= 2020 in Indian sport =

Overview of Indian sports events in 2020

The year 2020 in Indian sports describes the events that happened in the year 2020. Almost every sports event was affected due to the COVID-19 pandemic, and major events such as 2020 Tokyo Olympics and 2020 Tokyo Paralympics were postponed to next year.

== Multi-sport event ==
=== 2020 National Games of India ===
The 2020 edition of the National Games of India was to have been held between 20 October and 4 November 2020 in Goa. In May 2020, it was announced that games would be indefinitely postponed as a result of the global COVID-19 pandemic. They were ultimately cancelled with the next national games scheduled to be held between 27 September and 10 October 2022 in Gujarat.
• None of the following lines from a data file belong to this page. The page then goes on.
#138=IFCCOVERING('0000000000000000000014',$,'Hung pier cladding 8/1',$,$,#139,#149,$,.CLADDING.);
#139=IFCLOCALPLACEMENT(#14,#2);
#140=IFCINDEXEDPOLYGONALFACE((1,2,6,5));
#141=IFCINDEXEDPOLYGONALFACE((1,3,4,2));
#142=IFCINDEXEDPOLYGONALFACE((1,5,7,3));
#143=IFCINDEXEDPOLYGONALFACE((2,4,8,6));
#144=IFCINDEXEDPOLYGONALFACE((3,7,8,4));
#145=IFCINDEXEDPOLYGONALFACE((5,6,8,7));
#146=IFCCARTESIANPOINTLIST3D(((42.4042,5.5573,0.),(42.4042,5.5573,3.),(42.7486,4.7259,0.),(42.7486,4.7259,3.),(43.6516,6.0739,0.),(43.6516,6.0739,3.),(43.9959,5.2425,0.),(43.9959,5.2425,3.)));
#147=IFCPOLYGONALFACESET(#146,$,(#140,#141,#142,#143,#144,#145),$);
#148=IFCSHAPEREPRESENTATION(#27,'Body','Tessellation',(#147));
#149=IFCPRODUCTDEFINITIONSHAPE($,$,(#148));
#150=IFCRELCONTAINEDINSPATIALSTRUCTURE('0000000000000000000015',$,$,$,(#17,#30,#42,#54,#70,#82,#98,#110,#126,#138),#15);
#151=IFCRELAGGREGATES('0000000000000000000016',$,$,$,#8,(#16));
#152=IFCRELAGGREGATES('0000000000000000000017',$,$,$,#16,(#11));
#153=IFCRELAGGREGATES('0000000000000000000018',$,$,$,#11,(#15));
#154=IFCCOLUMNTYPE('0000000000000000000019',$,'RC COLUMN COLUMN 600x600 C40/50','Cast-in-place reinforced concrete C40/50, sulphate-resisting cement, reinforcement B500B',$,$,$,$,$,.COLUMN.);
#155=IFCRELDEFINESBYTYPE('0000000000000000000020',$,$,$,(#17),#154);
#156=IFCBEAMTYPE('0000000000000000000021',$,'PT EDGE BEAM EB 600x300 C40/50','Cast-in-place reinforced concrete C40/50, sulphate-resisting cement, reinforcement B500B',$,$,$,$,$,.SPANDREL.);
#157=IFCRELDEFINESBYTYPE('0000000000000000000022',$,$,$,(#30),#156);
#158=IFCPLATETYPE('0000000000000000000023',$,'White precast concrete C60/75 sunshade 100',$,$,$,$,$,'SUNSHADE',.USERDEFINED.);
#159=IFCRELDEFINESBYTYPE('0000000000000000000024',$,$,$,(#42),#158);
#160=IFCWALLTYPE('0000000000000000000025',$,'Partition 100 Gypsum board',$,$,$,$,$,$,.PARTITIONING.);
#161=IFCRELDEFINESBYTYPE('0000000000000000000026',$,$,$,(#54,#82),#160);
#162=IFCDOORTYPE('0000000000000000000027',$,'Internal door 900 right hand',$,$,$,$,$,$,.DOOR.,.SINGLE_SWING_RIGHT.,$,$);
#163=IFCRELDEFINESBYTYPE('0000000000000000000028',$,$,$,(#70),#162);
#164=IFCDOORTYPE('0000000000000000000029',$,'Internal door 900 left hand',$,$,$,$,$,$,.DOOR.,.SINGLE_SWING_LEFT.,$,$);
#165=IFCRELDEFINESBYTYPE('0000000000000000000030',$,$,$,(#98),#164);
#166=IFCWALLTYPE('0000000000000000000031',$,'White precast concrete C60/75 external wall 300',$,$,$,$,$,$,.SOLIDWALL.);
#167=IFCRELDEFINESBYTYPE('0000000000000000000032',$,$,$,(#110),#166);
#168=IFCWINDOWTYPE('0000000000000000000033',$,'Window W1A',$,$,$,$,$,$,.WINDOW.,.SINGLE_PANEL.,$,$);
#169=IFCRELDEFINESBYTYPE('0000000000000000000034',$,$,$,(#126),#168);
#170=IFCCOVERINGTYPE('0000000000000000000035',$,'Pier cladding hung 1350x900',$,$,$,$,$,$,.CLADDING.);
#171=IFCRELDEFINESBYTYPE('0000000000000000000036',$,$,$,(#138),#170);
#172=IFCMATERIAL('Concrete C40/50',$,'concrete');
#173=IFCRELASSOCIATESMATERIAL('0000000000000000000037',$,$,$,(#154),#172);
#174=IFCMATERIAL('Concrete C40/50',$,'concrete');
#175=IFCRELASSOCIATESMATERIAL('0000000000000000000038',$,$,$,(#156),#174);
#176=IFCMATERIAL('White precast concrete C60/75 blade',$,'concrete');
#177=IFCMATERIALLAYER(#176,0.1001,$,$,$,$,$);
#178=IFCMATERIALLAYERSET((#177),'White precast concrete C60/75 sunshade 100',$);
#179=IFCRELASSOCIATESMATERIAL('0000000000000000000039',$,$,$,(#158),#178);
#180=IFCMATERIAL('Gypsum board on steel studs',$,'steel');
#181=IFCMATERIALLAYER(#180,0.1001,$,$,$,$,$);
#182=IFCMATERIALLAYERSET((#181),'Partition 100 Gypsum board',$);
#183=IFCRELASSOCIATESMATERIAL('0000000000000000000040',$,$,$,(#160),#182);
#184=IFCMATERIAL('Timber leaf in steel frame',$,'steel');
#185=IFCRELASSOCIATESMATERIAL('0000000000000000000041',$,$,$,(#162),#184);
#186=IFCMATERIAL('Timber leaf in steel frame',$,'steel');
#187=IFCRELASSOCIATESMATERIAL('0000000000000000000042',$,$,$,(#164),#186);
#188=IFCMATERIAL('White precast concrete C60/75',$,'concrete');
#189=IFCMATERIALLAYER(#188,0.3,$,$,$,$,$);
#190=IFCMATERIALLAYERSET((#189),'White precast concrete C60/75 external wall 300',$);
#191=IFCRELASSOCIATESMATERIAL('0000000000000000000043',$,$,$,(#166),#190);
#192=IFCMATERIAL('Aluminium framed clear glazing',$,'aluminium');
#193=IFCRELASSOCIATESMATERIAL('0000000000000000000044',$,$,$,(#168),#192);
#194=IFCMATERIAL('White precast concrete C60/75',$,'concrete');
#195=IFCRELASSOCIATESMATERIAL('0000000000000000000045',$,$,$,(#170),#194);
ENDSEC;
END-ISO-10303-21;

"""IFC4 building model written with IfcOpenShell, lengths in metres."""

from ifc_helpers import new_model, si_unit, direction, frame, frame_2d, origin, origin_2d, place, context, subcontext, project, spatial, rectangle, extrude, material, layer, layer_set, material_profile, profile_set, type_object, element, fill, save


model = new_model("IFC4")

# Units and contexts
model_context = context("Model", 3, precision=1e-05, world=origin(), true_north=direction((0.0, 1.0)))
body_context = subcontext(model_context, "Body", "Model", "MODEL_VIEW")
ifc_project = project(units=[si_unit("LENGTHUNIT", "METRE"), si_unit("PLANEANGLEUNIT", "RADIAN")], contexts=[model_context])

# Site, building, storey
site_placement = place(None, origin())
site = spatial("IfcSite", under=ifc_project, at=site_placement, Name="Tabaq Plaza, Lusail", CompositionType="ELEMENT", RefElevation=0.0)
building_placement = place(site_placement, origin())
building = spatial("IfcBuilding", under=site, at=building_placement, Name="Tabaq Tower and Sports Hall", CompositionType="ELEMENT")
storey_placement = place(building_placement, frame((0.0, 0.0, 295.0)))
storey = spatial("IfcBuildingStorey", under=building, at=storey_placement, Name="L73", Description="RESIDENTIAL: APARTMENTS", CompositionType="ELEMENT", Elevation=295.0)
Goa subsequently hosted the 2023 edition.

== Badminton ==
=== 2020 Premier Badminton League ===
The 2020 edition of the Premier Badminton League, comprising seven teams, was held from 20 January to 9 February 2020 across three venues in India. Defending champions Bengaluru Raptors beat Northeastern Warriors with a score of 4–2 in the finals to retain their second consecutive title in PBL.

==== Final ====

9 February, 19:00 G. M. C. Balayogi Indoor Stadium, Hyderabad
| # | Event | Team 1 |  | Result |  |  | Team 2 |  |
| Northeastern Warriors |  | 2–4 |  |  | Bengaluru Raptors |  |
| 1 | MS |  | Lee Cheuk Yiu HKG | 0 | 15–14 9–15 3–15 | 1 | IND B. Sai Praneeth |  |
| 2 | MD | TM | Bodin Isara THA Lee Yong-dae KOR | 2 | 15–11 13–15 15–14 | 0 | IND Arun George INA Rian Agung Saputro |  |
| 3 | WS |  | Michelle Li CAN | 0 | 9–15 12–15 | 1 | TPE Tai Tzu-ying |  |
| 4 | XD |  | Krishna Prasad Garaga IND Kim Ha-na KOR | 0 | 14–15 15–14 12–15 | 2 | MAS Chan Peng Soon KOR Eom Hye-won | TM |
| 5 | MS |  | Tanongsak Saensomboonsuk THA |  | – |  | FRA Brice Leverdez |  |

== Cricket ==
=== 2020 Indian Premier League ===
The 2020 edition of the Indian Premier League was originally scheduled to commence on 29 March 2020, but was suspended until 15 April due to the COVID-19 pandemic. Following the announcement of the lockdown extension, the BCCI suspended the tournament indefinitely. On 2 August 2020, it was announced that the tournament would be played between 19 September and 10 November 2020 in the United Arab Emirates. Defending champions Mumbai Indians successfully retained their title for the first time with a five-wicket win over Delhi Capitals in the final on 10 November 2020.

== Football ==
=== 2019–20 Indian Super League ===
The 2019-20 edition of the Indian Super League was held from 20 October 2019 to 14 March 2020. Hyderabad replaced the disbanded Pune City, whereas Delhi Dynamos moved to Bhubaneswar and rebranded as Odisha. ATK beat Chennaiyin 3–1 in the final, becoming the first club to win three ISL Cup titles. As the winners of the newly introduced ISL shield (given to table-toppers in group stage), Goa qualified for the group stage in the 2021 AFC Champions League.